第369話
笑顔を向けたところで、署長を含む警察官が身体を震わせたが、気のせいだろう。
それよりも――、
「当主様、分かっています。すぐに式神を使い周囲を調べます」
「頼んだ」
兵士から聞き出す時間の山の捜索は、村瀬に任せるとしよう。
気絶している兵士達をパトカーに乗せて連行していく警察官。
パトカーが去ったあと、俺は――、
「広瀬警部補は、一緒に帰らなくてよかったのか?」
「一応、警察組織の人間は一人か二人は居た方がいいだろう? 何かあった時のために」
「そうか? 別に、これで情報は逐一送っているのだから問題ないと思うが?」
「現場と会議室だと勝手は違うからな」
「――なら別に良いが」
俺は杭に括りつけてあった兵士へと視線を向けたあと、ハイエースからバケツを取り出し湖から水を汲む。

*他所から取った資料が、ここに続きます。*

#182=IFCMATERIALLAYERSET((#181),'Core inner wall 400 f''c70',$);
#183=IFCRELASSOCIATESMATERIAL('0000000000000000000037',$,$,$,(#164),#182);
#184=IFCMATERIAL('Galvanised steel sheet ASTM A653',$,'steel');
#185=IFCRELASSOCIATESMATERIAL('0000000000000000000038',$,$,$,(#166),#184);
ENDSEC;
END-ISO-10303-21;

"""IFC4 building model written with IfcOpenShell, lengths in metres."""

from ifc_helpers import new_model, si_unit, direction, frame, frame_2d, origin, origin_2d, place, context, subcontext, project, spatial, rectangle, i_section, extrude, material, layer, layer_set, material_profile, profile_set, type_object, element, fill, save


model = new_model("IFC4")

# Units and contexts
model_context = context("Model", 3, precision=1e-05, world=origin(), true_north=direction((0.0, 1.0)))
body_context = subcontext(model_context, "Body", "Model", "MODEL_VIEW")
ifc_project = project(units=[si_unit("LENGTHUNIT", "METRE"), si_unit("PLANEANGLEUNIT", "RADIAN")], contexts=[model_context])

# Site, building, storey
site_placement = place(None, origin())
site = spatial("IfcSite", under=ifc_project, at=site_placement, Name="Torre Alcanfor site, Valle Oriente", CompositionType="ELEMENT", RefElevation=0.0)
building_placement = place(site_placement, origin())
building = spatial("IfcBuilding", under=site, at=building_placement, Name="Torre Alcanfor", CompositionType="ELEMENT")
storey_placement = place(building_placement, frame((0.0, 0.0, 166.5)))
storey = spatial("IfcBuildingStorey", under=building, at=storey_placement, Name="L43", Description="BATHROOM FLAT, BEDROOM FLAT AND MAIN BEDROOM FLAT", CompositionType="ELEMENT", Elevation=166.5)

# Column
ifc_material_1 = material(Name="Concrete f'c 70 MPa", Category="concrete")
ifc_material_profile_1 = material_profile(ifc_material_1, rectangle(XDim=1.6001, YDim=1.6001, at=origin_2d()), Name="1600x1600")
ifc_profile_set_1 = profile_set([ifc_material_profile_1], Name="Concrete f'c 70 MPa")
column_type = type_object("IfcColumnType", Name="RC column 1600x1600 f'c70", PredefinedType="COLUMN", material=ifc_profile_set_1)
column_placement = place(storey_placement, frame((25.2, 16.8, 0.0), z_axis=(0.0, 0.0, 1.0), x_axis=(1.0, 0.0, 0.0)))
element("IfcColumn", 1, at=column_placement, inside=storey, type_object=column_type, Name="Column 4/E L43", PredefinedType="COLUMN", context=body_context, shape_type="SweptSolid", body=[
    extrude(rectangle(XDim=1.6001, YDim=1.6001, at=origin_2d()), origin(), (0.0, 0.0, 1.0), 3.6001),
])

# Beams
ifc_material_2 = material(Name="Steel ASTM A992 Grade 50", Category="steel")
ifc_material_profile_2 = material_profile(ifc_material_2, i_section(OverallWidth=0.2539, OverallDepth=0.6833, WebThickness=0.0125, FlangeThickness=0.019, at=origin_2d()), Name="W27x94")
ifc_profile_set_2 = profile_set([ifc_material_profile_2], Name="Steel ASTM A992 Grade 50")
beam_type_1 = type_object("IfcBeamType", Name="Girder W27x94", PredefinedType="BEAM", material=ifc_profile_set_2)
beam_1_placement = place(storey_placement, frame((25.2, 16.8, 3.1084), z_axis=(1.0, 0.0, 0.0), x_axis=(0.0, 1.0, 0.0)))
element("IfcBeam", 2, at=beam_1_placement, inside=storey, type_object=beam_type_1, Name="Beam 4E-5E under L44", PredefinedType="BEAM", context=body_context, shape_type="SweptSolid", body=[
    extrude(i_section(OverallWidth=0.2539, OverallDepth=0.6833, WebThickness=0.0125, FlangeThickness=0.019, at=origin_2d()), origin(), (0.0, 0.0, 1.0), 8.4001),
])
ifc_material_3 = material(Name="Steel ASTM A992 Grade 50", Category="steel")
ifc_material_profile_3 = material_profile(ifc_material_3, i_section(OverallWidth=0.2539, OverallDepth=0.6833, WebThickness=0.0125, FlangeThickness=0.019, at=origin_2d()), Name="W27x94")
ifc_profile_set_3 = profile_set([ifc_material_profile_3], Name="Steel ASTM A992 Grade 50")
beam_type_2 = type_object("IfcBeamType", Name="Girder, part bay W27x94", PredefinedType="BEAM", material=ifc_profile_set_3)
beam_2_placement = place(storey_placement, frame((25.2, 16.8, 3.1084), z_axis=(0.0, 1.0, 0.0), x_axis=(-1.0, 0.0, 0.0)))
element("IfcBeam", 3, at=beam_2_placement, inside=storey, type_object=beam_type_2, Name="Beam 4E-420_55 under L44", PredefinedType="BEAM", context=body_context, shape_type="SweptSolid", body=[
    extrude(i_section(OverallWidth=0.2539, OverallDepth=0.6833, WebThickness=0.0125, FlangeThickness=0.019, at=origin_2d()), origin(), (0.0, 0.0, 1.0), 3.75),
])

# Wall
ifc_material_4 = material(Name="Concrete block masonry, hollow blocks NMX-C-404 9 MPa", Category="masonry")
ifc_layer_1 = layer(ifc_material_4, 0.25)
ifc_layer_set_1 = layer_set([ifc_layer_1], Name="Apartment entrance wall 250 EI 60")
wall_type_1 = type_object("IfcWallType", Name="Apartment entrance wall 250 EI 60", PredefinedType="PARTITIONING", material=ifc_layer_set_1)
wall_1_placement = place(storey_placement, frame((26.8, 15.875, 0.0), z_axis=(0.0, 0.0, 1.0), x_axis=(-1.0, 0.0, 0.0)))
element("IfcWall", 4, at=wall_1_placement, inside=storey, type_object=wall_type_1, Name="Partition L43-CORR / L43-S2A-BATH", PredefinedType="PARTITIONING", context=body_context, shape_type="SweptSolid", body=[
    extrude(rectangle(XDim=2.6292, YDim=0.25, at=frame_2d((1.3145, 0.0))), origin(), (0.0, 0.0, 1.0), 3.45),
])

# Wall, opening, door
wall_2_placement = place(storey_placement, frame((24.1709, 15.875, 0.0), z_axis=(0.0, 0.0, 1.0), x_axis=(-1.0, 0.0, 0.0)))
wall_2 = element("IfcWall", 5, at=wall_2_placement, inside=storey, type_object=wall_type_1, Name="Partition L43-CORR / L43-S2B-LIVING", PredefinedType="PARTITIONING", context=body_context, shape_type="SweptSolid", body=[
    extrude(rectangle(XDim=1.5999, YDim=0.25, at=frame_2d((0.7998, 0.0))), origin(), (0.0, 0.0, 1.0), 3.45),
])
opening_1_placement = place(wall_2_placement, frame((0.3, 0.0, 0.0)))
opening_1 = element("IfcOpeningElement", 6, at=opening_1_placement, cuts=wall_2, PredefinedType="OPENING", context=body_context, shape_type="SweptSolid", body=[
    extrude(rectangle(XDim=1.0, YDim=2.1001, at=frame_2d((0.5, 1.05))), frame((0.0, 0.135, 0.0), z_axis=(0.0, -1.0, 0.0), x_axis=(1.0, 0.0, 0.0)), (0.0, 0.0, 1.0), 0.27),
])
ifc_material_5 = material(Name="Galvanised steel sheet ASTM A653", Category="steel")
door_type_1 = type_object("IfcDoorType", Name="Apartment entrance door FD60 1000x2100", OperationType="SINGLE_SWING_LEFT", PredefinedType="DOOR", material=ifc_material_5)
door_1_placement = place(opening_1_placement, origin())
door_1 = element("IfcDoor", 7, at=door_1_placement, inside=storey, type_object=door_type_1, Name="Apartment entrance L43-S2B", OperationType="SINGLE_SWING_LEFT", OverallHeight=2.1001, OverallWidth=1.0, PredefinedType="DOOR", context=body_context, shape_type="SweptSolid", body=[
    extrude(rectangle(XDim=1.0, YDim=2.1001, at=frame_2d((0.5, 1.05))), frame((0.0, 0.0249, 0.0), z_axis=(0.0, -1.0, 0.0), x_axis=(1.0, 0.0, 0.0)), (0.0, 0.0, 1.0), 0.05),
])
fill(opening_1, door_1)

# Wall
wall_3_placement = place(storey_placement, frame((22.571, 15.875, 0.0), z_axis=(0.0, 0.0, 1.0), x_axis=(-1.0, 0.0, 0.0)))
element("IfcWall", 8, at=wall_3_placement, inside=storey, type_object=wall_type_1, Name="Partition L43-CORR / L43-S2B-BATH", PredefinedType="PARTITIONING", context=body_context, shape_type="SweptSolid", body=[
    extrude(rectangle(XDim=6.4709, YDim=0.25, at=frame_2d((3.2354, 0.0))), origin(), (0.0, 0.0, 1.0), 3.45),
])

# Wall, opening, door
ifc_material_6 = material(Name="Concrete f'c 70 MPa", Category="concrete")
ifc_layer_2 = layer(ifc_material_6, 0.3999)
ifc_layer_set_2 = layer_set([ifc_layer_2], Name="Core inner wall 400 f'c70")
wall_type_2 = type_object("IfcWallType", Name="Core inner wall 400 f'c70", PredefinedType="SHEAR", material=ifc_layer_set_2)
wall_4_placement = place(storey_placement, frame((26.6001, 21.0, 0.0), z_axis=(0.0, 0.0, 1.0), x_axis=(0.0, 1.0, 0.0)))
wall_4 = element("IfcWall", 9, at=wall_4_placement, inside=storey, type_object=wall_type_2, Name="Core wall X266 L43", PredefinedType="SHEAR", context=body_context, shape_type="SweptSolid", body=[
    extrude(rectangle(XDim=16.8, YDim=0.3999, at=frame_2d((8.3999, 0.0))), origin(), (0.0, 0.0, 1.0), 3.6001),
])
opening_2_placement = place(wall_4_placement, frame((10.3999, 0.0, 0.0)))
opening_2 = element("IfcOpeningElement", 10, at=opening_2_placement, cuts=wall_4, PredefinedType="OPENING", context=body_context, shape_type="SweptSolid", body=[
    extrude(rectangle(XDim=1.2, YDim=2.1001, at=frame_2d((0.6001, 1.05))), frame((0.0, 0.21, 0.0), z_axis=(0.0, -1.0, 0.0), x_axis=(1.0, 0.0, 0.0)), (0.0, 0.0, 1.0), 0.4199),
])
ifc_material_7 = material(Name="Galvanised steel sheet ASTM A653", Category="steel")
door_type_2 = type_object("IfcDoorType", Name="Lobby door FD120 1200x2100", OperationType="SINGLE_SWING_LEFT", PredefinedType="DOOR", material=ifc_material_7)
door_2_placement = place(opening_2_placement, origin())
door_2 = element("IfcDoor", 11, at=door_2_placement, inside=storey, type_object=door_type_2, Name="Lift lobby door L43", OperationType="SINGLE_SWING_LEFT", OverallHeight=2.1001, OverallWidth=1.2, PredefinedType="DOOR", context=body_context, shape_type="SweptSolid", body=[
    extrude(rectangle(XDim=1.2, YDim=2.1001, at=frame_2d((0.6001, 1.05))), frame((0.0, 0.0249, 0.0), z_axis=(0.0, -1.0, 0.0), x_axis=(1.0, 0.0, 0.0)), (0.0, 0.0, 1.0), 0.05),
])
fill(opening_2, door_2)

そしてバケツで汲んできた水を気絶した兵士へとぶっかける。
「ごほっ、ごほっ……、ここは……」
「地獄の入り口へようこそ」
俺は両手を広げながら高角を上げる。
「桂木警視監……」
呆れたような表情で俺を見てくる広瀬に、俺は咳をしてから、
「お前の正体を教えてもらおうか?」
「…………教えると思って――ぎゃああああああ」
まずはお話の挨拶なのだから右足の親指が切断されたくらいで大げさすぎる。
「さて、まずは話し合いをしようか? 俺が満足いかない答えか嘘を言った場合には、少しだけお仕置きするかも知れないから気を付けた方がいいぞ?」
「――お、おまえ……。いま警視監って……、日本の警察組織が、こんな拷問のような真似をして――、ギャアアアアアアア」
とりあえず軽く右足を手刀で脛の部分から切断する。
「質問しているのは俺様の方だ。お前に、俺様を詮索する資格なんて与えてはいない。正直に答えれば苦しまずに生かしてやるぞ?」
兵士に近づき、右人差し指を折りながら、にこやかに問いかける。
それに伴い絶叫が響き渡る。
「桂木警視監、いくらなんでも……止血もしない状態で……」
脛から切断された足からは血が流れ続けており、兵士が縛り付けられている杭が刺さっている地面は血が滴っている。
「大丈夫だ」
俺は兵士の身体に触れると共に肉体を瞬時に再生させる。
「――! か、体が……」
突然、痛みが無くなった事に驚いた兵士と、
「再生した!?」
肉体が修復した場面を見ていた広瀬が口を揃えて、それぞれ思ったことを口にした。
「――な? 何度でもお話が出来るから問題ない」
「え? こ、これって……、生き地獄なのでは……?」
「流石は当主様。非人道的な行いは先代様の追従を許しませんね」
「俺は無関係の人間を巻き込むような真似はしてない。――さて、じっくりと話し合いをするとしようか?」
そう、エンドレス尋問。
「ちなみに発狂することも意識を失うことも自殺も許さないからな? 素人と違って、俺は、こういう手合いは得意だから安心しろ」
俺は笑顔を向けながら、兵士を安心させるように語り掛けた。